Fetal Medicine Unit, Department of Obstetrics and Gynecology, Hospital Carlos Van Buren, Valparaíso, Chile.
Department of Obstetrics and Gynecology, Faculty of Medicine, Universidad de Valparaíso, Valparaíso, Chile.
Ultrasound Obstet Gynecol. 2018 Jun;51(6):775-782. doi: 10.1002/uog.17515.
To determine the rate of placental apoptosis and adverse perinatal outcome in patients with late-onset pre-eclampsia (PE) and abnormal uterine artery (UtA) Doppler at diagnosis.
This was a prospective cohort study of women with singleton pregnancy diagnosed with late PE, performed between August 2011 and January 2014 at the Maternal-Fetal Medicine Unit of Hospital Carlos Van Buren. Patients were stratified according to UtA Doppler status at diagnosis (pulsatility index (PI) ≤ or > 95 percentile). Logistic regression analysis was performed to identify associations between abnormal UtA Doppler and adverse maternal and perinatal outcomes. In a subset of this cohort for whom placental samples were available, immunohistochemical analysis of the placenta was performed to identify the rate of apoptosis and its association with UtA Doppler by comparing samples from those with normal and those with abnormal UtA Doppler and normotensive controls. Non-parametric linear trend analysis was performed for assessment of the apoptotic index.

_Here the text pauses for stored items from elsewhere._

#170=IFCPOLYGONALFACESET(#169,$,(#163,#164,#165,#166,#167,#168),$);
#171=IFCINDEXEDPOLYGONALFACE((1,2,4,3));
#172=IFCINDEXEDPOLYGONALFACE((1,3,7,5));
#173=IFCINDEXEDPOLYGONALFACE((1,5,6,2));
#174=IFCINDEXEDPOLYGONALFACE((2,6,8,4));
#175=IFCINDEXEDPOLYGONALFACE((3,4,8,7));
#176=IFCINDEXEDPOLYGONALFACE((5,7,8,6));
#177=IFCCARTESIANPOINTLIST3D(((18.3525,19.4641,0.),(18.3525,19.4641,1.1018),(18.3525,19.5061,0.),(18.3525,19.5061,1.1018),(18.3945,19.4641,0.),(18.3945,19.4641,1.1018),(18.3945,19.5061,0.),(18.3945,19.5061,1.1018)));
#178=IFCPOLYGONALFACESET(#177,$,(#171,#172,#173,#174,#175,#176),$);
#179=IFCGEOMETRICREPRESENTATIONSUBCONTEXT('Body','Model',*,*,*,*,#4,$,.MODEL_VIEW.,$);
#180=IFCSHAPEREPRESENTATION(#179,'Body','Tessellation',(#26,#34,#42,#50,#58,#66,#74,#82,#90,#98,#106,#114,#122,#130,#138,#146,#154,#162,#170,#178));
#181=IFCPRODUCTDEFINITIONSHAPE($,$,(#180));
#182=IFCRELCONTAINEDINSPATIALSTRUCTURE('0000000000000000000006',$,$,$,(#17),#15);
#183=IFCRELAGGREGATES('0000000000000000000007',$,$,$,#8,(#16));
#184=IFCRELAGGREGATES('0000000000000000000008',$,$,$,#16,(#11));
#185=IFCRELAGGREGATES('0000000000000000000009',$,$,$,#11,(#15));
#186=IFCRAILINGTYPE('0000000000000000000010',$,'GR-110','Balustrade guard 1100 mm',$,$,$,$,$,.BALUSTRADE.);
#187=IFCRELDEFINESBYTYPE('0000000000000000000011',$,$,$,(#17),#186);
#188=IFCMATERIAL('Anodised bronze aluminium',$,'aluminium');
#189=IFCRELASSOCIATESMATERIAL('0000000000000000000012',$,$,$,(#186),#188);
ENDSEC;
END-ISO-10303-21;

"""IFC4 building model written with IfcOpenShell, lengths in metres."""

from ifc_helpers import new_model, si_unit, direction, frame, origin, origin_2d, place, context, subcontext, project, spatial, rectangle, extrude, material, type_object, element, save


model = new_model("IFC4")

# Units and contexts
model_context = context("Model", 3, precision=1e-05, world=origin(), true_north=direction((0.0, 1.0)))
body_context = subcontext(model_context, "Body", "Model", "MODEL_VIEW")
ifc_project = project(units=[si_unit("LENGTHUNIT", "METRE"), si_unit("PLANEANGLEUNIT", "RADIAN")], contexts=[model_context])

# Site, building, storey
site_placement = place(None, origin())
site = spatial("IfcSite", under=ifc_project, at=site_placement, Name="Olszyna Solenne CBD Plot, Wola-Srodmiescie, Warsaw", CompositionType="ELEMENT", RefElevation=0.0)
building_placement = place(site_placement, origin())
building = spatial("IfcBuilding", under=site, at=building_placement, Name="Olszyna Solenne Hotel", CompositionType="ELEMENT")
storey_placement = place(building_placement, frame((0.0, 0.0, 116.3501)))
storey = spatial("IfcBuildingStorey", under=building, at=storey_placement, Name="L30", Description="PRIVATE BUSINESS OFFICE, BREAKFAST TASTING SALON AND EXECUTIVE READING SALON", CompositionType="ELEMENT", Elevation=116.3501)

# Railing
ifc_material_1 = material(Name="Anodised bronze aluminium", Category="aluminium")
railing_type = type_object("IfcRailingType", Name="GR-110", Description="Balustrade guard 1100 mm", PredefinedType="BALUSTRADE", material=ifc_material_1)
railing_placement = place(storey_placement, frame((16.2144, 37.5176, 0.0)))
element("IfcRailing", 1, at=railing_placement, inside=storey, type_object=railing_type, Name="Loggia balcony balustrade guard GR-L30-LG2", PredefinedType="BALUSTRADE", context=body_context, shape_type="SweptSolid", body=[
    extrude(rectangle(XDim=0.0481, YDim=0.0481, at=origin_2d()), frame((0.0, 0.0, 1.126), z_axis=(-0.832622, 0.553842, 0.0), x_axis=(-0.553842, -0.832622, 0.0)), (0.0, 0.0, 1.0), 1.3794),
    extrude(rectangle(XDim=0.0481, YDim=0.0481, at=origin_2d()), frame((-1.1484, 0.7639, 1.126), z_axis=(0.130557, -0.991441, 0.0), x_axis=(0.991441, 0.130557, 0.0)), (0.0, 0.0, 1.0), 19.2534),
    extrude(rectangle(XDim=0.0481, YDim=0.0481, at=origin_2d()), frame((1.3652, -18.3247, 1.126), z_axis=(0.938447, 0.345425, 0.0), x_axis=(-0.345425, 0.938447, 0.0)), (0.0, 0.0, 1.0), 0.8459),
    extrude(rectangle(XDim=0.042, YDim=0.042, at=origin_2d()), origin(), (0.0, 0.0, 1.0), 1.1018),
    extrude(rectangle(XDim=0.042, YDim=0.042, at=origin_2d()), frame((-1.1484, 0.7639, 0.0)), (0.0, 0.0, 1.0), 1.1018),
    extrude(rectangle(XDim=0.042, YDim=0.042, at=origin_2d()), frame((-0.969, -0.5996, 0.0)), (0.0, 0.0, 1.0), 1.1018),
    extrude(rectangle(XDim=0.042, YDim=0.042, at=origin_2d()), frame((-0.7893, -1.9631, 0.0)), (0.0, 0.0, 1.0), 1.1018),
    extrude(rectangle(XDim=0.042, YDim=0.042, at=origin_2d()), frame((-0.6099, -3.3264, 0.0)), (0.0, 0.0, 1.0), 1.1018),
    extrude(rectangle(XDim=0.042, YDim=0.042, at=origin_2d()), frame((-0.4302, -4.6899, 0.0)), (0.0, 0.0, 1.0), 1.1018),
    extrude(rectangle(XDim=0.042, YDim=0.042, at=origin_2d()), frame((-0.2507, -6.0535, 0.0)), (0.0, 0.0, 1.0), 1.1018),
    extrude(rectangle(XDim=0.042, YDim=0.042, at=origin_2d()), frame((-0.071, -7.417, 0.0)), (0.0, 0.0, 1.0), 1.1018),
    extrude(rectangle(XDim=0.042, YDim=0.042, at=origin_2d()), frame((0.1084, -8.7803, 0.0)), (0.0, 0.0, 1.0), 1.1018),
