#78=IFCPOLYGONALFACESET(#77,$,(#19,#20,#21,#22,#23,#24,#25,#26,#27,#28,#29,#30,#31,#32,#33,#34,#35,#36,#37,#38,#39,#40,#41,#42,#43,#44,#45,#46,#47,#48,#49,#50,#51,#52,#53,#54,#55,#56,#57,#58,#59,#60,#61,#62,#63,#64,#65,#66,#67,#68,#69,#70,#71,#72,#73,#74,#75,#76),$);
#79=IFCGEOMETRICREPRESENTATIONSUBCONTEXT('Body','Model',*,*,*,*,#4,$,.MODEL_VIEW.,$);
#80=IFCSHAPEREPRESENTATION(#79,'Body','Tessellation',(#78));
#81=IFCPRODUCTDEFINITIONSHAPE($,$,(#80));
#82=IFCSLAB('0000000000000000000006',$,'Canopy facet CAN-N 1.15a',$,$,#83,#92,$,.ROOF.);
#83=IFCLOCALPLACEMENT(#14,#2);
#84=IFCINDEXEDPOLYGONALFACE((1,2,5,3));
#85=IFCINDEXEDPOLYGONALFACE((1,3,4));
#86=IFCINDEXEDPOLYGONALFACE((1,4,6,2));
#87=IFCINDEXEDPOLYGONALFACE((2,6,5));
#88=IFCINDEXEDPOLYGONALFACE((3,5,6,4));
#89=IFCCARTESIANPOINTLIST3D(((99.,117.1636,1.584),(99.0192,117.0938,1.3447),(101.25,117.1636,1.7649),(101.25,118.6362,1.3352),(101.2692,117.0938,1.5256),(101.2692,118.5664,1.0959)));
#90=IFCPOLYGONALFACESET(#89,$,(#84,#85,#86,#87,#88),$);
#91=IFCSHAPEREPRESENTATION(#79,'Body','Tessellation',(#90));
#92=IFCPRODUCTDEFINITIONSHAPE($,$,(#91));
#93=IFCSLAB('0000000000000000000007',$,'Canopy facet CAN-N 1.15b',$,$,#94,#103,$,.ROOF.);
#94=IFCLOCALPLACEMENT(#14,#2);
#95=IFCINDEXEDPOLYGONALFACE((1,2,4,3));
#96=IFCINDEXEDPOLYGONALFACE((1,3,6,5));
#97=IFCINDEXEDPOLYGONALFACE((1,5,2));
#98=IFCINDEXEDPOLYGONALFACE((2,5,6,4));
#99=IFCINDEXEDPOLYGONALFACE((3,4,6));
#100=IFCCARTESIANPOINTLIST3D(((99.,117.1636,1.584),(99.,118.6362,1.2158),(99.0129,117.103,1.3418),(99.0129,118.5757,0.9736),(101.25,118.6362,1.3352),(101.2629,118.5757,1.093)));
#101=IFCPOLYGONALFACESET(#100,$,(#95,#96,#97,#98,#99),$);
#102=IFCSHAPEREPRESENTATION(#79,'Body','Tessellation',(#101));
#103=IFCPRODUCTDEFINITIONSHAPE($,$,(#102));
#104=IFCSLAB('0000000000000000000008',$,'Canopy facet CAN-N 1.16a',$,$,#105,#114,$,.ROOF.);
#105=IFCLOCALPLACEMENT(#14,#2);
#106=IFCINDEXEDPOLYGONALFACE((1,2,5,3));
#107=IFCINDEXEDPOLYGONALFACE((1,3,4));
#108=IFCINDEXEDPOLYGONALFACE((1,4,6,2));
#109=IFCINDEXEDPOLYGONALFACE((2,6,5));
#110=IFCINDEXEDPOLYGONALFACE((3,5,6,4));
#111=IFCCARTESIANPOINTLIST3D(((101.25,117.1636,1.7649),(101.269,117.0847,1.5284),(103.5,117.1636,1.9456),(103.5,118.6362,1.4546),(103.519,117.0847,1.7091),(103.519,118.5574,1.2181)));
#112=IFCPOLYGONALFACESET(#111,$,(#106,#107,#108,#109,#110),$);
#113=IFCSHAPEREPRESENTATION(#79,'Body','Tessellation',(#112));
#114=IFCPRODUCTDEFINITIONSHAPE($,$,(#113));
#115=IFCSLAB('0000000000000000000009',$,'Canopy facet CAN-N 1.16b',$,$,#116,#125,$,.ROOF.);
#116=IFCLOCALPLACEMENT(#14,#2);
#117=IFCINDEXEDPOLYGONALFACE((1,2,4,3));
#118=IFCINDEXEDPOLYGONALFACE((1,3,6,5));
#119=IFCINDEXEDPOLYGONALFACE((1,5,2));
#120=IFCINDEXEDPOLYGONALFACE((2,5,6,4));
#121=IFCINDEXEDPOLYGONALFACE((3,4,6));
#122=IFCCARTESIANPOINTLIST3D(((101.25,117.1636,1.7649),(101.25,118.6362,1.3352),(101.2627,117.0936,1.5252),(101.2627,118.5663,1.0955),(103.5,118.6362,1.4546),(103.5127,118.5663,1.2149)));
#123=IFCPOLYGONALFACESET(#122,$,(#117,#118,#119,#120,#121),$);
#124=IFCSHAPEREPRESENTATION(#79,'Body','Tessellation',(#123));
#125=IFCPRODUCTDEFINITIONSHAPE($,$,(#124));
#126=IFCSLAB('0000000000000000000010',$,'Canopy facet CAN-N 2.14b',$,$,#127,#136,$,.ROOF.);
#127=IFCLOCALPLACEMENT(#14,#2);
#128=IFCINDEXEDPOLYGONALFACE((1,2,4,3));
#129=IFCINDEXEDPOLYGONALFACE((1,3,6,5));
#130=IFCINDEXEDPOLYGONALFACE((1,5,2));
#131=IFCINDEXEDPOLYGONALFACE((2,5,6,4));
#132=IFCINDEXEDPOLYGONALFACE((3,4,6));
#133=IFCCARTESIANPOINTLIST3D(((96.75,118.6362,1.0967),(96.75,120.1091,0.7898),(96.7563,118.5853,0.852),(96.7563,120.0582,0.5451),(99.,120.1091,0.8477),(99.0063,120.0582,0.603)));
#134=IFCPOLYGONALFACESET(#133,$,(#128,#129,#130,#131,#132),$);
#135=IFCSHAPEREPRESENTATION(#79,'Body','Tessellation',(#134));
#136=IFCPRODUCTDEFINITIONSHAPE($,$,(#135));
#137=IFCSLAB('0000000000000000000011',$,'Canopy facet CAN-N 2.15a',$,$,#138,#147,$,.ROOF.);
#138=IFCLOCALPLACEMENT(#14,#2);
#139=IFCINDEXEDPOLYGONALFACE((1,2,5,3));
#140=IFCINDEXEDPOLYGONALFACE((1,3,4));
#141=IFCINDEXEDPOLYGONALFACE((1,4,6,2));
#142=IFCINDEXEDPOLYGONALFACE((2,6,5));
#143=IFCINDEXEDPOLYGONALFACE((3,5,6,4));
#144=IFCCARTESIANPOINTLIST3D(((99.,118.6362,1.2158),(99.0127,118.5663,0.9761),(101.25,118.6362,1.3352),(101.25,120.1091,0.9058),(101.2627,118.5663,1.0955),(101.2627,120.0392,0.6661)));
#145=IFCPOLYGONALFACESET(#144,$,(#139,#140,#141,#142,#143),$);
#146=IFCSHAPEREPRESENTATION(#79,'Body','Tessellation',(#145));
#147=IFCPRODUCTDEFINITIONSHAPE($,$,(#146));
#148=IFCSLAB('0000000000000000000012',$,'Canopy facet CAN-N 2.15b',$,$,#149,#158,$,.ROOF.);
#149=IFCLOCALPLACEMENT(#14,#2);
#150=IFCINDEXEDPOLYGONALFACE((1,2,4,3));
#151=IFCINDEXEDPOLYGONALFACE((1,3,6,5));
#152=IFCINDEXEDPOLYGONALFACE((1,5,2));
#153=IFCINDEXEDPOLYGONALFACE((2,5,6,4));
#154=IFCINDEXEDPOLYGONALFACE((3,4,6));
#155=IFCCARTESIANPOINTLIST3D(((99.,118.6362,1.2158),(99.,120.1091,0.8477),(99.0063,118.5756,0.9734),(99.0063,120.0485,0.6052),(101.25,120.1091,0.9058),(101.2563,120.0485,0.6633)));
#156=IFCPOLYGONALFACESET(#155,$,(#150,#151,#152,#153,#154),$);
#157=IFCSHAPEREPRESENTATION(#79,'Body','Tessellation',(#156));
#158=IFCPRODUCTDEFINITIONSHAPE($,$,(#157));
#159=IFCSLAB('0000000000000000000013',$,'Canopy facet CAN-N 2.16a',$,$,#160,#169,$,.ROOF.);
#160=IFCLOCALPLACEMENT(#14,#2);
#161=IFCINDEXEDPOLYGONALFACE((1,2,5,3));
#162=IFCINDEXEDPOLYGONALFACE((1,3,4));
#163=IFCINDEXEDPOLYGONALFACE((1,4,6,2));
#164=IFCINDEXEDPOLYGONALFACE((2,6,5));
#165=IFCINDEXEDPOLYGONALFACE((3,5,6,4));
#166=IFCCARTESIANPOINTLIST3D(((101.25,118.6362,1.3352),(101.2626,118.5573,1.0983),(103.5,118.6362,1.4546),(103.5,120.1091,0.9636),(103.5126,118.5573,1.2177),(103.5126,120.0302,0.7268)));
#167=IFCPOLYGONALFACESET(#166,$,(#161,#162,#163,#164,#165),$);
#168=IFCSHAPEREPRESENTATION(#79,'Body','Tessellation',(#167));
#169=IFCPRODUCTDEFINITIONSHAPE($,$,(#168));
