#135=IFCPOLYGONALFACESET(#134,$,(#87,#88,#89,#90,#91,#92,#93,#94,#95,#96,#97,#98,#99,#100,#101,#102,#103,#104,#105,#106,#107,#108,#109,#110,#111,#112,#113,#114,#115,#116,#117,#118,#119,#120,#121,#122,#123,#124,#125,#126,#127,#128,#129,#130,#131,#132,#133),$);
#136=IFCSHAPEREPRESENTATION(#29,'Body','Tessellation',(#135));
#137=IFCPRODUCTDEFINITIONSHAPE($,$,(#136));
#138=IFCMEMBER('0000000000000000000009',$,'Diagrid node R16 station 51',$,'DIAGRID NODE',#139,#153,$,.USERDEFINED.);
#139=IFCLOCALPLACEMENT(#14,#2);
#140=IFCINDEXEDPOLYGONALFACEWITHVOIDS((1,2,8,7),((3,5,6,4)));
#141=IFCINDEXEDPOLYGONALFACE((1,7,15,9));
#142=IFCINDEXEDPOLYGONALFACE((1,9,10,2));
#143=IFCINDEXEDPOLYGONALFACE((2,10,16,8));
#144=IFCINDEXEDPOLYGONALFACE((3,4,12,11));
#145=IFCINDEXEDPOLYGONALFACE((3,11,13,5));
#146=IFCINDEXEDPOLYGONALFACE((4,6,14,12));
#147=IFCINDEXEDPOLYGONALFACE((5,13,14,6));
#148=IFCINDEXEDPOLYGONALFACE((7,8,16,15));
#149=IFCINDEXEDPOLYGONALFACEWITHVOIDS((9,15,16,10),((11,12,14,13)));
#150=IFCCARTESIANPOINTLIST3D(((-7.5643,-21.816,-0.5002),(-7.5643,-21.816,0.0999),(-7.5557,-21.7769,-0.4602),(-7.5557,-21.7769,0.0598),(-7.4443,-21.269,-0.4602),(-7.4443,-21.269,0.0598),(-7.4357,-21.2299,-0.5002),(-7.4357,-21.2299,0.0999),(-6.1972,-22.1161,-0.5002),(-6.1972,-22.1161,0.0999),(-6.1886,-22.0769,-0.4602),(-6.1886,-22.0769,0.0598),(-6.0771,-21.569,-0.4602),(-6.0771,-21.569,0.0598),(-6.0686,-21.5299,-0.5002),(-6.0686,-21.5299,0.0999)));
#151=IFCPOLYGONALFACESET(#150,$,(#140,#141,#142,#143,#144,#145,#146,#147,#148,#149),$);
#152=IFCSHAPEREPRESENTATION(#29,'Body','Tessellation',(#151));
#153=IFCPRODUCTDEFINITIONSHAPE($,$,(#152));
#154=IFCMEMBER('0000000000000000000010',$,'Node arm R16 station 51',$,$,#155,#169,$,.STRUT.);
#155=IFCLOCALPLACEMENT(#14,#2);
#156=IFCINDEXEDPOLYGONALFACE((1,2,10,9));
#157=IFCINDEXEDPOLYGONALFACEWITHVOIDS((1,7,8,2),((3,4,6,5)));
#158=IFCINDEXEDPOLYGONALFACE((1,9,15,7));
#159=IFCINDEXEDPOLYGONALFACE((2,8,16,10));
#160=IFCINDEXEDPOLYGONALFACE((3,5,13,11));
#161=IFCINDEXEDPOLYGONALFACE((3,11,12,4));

Eighty-six patients were included in the final analysis. Of these, UtA-PI was above the 95 percentile in 33 (38.4%) patients. Gestational age at diagnosis and delivery were significantly lower in this group compared with patients with normal UtA Doppler. Abnormal UtA Doppler was associated with increased risk of severe PE (odds ratio (OR) = 7.5; 95% CI, 2.76-20.46; P < 0.001), late preterm delivery (OR = 13.7; 95% CI, 4.53-41.46; P < 0.001), small-for-gestational age at birth (OR = 12.3; 95% CI, 3.17-47.57; P < 0.001) and admission to the neonatal intensive care unit (OR = 12.8; 95% CI, 2.61-62.36; P = 0.002). Moreover, UtA Z-score demonstrated a significant inverse correlation with birth-weight Z-score (r = -0.34; P = 0.0013). Mean placental apoptotic index demonstrated an ascending linear trend according to UtA Doppler status (P = 0.04).
In patients with late PE, UtA Doppler was useful for clinical classification and as an indicator of placental histological findings. Correlation between UtA Doppler and the apoptotic index provides new evidence of a subgroup of late PE with a placental origin. Copyright © 2017 ISUOG. Published by John Wiley & Sons Ltd.
确定在诊断时出现晚期先兆子痫(PE)和子宫动脉(UtA)多普勒异常的患者胎盘凋亡率和不良围产结局。
这是一项前瞻性队列研究,纳入 2011 年 8 月至 2014 年 1 月在卡洛斯·范伯伦医院妇产科就诊的单胎妊娠被诊断为晚期 PE 的女性。根据 UtA 多普勒在诊断时的状态(搏动指数(PI)≤或>95 百分位数)将患者分层。Logistic 回归分析用于识别异常 UtA 多普勒与不良母体和围产儿结局之间的关联。在该队列的一部分患者中,可获得胎盘样本,对胎盘进行免疫组织化学分析,通过比较正常 UtA 多普勒和正常 UtA 多普勒及正常血压对照组的样本,识别胎盘凋亡率及其与 UtA 多普勒的关系。采用非参数线性趋势分析评估凋亡指数。
最终分析共纳入 86 例患者。其中,33 例(38.4%)患者的 UtA-PI 超过 95 百分位数。与 UtA 多普勒正常的患者相比,该组患者的诊断和分娩时的胎龄明显更低。异常 UtA 多普勒与严重 PE(比值比(OR)=7.5;95%置信区间,2.76-20.46;P<0.001)、晚期早产(OR=13.7;95%置信区间,4.53-41.46;P<0.001)、出生体重小于胎龄(OR=12.3;95%置信区间,3.17-47.57;P<0.001)和新生儿重症监护病房入院(OR=12.8;95%置信区间,2.61-62.36;P=0.002)的风险增加相关。此外,UtA Z 评分与出生体重 Z 评分呈显著负相关(r=-0.34;P=0.0013)。根据 UtA 多普勒状态,胎盘凋亡指数呈上升线性趋势(P=0.04)。
在晚期 PE 患者中,UtA 多普勒有助于临床分类,并可作为胎盘组织学发现的指标。UtA 多普勒与凋亡指数之间的相关性为胎盘起源的晚期 PE 亚组提供了新的证据。版权所有 © 2017 ISUOG。由 John Wiley & Sons Ltd 出版。